Постепенно агрессивность зарянки распространилась далеко за рамки собственного вида. Стоило чечётке с её ярко-малиновой грудью только рот раскрыть, как ей тотчас доставалось на орехи.
Соловей-красношейка крупнее зарянки, но и то едва он испускал свои оглушительные трели, как она набрасывалась на него и, представьте себе, выходила победительницей! …
Снегирь – у него весь низ тела красный – после нескольких потасовок вовсе перестал петь, а ведь он вдвое тяжелее зарянки. Зато его серогрудая подруга, хотя и исполняет ту же скрипучую песенку, могла солировать без помех!
Зяблик, у которого низ тела красно-коричневый, тоже был усмирён зарянкой.» (Ян Линдблад «Белый тапир и другие ручные животные», глава «Лес в моей комнате»)

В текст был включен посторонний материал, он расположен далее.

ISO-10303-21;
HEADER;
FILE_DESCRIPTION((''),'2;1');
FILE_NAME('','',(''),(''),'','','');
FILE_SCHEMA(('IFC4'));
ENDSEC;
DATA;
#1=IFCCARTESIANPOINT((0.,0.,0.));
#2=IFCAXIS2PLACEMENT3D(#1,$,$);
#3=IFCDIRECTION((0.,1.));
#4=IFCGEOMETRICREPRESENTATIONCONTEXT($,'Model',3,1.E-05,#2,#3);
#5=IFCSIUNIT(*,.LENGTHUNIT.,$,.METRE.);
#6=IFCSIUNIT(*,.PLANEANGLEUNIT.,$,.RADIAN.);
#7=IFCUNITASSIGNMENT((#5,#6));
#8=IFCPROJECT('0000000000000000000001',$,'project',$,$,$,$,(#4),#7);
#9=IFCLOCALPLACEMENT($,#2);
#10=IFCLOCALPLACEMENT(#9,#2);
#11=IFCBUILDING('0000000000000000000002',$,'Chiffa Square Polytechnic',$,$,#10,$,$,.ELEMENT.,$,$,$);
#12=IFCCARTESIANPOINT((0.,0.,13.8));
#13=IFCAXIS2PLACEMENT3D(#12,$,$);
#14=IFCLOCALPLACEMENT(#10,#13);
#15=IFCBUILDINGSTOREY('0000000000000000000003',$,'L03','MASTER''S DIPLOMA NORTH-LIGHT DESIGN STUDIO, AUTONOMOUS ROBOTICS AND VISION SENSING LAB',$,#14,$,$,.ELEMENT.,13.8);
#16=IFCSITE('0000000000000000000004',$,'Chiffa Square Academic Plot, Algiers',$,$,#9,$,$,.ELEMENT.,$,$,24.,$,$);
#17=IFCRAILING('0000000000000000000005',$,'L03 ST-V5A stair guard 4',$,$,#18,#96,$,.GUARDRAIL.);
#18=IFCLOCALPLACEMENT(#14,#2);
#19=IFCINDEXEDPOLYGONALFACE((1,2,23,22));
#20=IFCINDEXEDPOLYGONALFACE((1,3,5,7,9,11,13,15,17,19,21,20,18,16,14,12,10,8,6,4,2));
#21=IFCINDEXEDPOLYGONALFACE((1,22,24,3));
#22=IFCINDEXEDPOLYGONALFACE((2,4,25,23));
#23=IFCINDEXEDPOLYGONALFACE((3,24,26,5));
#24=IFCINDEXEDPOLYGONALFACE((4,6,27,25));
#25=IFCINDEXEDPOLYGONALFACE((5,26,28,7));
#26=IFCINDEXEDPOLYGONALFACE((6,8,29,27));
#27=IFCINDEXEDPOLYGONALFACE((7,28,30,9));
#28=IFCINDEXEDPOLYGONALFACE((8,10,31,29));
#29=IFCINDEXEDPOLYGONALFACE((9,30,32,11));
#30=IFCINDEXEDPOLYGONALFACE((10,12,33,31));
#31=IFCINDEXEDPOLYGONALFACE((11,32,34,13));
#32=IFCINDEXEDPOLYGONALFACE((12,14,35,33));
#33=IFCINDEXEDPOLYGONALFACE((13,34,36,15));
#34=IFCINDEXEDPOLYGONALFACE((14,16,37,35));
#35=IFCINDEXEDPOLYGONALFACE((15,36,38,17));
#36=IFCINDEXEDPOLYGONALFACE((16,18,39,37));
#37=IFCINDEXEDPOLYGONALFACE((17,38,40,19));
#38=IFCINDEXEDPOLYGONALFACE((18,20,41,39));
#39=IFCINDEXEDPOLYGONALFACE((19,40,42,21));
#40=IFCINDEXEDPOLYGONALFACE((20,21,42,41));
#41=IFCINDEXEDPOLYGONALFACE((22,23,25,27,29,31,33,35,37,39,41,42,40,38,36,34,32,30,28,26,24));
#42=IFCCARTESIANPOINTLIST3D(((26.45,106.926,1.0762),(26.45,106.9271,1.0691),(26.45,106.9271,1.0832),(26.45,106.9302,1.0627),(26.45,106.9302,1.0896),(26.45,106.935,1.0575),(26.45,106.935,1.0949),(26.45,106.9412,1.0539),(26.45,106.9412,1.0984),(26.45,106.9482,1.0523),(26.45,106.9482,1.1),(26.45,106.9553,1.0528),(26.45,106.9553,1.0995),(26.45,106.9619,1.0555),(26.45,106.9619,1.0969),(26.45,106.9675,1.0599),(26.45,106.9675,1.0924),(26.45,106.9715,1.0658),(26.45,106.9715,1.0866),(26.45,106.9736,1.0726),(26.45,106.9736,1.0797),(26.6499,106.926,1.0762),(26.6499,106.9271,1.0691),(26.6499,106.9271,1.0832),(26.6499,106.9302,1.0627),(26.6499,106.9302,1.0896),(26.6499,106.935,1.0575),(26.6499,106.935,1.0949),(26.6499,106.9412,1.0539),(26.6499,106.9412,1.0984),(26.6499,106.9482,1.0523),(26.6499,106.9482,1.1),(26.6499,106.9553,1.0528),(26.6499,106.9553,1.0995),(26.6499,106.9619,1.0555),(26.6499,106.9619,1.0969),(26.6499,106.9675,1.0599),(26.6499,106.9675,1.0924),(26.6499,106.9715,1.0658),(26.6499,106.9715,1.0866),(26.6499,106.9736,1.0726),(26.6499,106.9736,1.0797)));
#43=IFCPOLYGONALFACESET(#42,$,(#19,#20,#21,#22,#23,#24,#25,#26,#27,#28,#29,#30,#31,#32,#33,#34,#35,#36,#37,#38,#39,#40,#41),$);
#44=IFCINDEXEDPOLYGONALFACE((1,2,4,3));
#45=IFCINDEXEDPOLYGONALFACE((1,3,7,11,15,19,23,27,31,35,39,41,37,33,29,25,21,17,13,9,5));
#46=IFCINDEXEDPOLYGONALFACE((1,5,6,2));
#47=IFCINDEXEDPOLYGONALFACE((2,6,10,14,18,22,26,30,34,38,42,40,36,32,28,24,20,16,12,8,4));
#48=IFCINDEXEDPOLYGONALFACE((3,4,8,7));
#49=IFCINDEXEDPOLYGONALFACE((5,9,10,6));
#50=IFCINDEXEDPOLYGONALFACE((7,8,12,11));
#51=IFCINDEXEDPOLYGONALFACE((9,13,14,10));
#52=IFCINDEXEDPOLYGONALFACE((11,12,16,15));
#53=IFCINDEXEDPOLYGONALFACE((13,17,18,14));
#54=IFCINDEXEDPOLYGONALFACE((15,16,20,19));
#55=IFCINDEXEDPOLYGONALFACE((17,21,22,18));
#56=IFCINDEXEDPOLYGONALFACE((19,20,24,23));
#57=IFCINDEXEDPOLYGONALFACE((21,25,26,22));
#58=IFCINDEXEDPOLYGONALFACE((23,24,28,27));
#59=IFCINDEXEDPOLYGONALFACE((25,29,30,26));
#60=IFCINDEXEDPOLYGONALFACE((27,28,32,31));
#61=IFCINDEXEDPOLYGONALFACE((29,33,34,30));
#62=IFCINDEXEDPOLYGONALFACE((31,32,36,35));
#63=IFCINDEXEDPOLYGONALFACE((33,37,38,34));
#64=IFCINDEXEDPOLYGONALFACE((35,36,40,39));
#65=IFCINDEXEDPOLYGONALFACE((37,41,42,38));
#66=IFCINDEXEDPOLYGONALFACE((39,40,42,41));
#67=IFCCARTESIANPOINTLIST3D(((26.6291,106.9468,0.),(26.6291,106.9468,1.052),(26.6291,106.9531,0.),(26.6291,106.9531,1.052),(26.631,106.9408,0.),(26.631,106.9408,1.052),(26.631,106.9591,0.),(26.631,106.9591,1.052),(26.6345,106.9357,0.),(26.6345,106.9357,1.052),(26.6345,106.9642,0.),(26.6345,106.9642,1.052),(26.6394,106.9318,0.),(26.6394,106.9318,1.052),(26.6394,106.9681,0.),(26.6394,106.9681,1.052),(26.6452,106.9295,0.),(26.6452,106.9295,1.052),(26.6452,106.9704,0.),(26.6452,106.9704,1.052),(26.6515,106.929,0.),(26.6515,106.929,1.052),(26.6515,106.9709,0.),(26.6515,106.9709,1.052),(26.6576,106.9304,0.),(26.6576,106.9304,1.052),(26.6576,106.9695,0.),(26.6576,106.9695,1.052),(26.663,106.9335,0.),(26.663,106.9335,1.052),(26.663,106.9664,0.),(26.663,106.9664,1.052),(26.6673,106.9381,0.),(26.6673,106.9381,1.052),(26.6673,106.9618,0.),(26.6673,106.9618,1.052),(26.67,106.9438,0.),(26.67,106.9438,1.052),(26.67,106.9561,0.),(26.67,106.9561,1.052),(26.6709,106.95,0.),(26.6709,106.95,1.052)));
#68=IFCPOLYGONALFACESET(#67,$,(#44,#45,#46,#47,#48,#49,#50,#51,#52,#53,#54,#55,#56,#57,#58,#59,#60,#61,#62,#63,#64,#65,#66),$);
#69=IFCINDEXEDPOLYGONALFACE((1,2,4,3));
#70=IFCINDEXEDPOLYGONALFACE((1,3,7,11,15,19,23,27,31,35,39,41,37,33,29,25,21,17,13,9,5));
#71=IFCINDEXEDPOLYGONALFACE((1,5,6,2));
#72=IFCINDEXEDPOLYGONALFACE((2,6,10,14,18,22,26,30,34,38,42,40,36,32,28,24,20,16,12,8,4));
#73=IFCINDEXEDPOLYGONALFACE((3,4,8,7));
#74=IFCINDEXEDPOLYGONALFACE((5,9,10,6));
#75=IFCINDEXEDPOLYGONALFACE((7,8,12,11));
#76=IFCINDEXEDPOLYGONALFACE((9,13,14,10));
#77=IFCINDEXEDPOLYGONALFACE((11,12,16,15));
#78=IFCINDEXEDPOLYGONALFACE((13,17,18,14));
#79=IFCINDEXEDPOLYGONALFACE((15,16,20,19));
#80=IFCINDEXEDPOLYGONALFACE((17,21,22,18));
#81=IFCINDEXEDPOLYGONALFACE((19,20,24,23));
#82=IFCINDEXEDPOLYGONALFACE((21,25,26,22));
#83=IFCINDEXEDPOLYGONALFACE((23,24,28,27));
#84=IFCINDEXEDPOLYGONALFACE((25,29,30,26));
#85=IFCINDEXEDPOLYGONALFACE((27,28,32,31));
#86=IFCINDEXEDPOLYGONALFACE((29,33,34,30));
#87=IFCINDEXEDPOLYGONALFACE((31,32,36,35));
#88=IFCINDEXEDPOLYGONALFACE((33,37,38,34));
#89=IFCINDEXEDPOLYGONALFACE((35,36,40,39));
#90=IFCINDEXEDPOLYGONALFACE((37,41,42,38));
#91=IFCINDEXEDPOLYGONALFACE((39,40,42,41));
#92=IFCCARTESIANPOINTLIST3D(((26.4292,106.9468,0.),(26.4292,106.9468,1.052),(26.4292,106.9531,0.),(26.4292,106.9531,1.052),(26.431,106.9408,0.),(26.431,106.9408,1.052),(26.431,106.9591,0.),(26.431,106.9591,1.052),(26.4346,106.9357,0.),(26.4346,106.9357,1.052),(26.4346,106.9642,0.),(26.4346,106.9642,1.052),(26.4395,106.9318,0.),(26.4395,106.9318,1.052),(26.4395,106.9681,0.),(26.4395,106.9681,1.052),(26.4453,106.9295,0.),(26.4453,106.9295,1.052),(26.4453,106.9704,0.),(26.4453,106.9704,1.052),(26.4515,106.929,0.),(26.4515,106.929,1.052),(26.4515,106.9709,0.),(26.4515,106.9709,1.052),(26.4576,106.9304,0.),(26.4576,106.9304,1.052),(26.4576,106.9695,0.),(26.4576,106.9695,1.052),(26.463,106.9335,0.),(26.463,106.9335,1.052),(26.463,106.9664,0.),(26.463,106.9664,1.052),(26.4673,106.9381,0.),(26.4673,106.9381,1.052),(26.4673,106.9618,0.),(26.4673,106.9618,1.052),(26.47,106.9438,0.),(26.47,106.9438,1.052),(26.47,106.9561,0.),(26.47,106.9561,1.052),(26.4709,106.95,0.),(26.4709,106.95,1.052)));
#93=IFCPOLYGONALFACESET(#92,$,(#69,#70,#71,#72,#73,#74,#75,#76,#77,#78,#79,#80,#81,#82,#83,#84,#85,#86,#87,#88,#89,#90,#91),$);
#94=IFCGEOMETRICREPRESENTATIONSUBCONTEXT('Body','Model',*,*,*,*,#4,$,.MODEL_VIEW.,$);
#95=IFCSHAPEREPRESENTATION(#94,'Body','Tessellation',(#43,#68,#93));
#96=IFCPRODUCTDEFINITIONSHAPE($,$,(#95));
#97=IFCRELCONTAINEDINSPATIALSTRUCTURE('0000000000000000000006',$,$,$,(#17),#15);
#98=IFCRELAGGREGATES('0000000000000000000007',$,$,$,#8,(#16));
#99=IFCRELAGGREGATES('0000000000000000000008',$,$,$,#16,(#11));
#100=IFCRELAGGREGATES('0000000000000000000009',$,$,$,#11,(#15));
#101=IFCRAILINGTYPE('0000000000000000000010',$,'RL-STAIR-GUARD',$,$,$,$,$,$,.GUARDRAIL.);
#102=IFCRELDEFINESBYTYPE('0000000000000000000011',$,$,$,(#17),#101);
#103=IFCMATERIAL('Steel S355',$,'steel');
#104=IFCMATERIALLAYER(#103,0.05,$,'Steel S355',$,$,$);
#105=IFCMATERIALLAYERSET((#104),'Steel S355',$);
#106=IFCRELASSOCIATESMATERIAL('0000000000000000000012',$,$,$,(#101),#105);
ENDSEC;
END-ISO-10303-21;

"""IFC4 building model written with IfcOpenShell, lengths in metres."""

from ifc_helpers import new_model, si_unit, direction, frame, origin, origin_2d, place, context, subcontext, project, spatial, circle, extrude, material, layer, layer_set, type_object, element, save


model = new_model("IFC4")

# Units and contexts
model_context = context("Model", 3, precision=1e-05, world=origin(), true_north=direction((0.0, 1.0)))
body_context = subcontext(model_context, "Body", "Model", "MODEL_VIEW")
ifc_project = project(units=[si_unit("LENGTHUNIT", "METRE"), si_unit("PLANEANGLEUNIT", "RADIAN")], contexts=[model_context])

# Site, building, storey
site_placement = place(None, origin())
site = spatial("IfcSite", under=ifc_project, at=site_placement, Name="Chiffa Square Academic Plot, Algiers", CompositionType="ELEMENT", RefElevation=24.0)
building_placement = place(site_placement, origin())
building = spatial("IfcBuilding", under=site, at=building_placement, Name="Chiffa Square Polytechnic", CompositionType="ELEMENT")
storey_placement = place(building_placement, frame((0.0, 0.0, 13.8)))
storey = spatial("IfcBuildingStorey", under=building, at=storey_placement, Name="L03", Description="MASTER'S DIPLOMA NORTH-LIGHT DESIGN STUDIO, AUTONOMOUS ROBOTICS AND VISION SENSING LAB", CompositionType="ELEMENT", Elevation=13.8)

# Railing
ifc_material_1 = material(Name="Steel S355", Category="steel")
ifc_layer_1 = layer(ifc_material_1, 0.05, Name="Steel S355")
ifc_layer_set_1 = layer_set([ifc_layer_1], Name="Steel S355")
railing_type_1 = type_object("IfcRailingType", Name="RL-STAIR-GUARD", PredefinedType="GUARDRAIL", material=ifc_layer_set_1)
railing_1_placement = place(storey_placement, frame((26.6499, 106.95, 0.0)))
element("IfcRailing", 1, at=railing_1_placement, inside=storey, type_object=railing_type_1, Name="L03 ST-V5A stair guard 4", PredefinedType="GUARDRAIL", context=body_context, shape_type="SweptSolid", body=[
    extrude(circle(Radius=0.0239, at=origin_2d()), frame((0.0, 0.0, 1.0762), z_axis=(-1.0, 0.0, 0.0), x_axis=(0.0, -1.0, 0.0)), (0.0, 0.0, 1.0), 0.2),
    extrude(circle(Radius=0.021, at=origin_2d()), origin(), (0.0, 0.0, 1.0), 1.052),
    extrude(circle(Radius=0.021, at=origin_2d()), frame((-0.2, 0.0, 0.0)), (0.0, 0.0, 1.0), 1.052),
])

save(model, "model.ifc")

Добавлю лишь, что в опытах зарянки столь же агрессивно относились к пучку перьев, торчащих на проволоке, если один его бок был красным. Полностью серый пучок перьев оставался без внимания. Это явно свидетельствует о том, что окраска имеет свой смысл для зарянок.
А вот совсем другие наблюдения, совсем другого человека, над совсем другими животными:

«Например, там [в аквариуме среди примерно сотни коралловых рыбок – В. П.] была одна-единственная рыба-бабочка неизвестного нам вида, которая и по форме, и по рисунку настолько точно занимала среднее положение между бело-жёлтым и бело-чёрным видами, что мы сразу же окрестили её бело-чёрно-жёлтой. И она, очевидно, разделяла наше мнение о её систематическом положении, т. к. делила свои атаки почти поровну между представителями этих видов. Мы ни разу не видели, чтобы она укусила рыбку какого-нибудь третьего вида. Пожалуй, ещё интереснее вёл себя синий спинорог – тоже единственный у нас, - который по-латыни называется «чёрный одонус». Зоолог, давший такое название, мог видеть лишь обесцвеченный труп этой рыбы в формалине, потому что живая она не чёрная, а ярко-синяя, с нежным оттенком фиолетового и розового, особенно по краям плавников. … За неимением сородичей мой спинорог первое время вёл себя довольно мирно, хотя и раздал несколько укусов, многозначительным образом разделив их между представителями двух совершенно разных видов. Во-первых, он преследовал так называемых «синих чертей», - близких родственников «бо Грегори» [«красавчик Грегори» - один из мелких видов губанов рода Stegastes, рыба отряда окунеобразных – В. П.], - похожих на него великолепной синей окраской, а во-вторых – обеих рыб другого вида спинорогов, так называемых «рыб Пикассо». Как видно из любительского названия этой рыбки, она расцвечена чрезвычайно ярко и причудливо, так что в этом смысле не имеет ничего общего с синим спинорогом, но весьма похожа на него по форме.» (Конрад Лоренц «Агрессия: так называемое зло», глава 2)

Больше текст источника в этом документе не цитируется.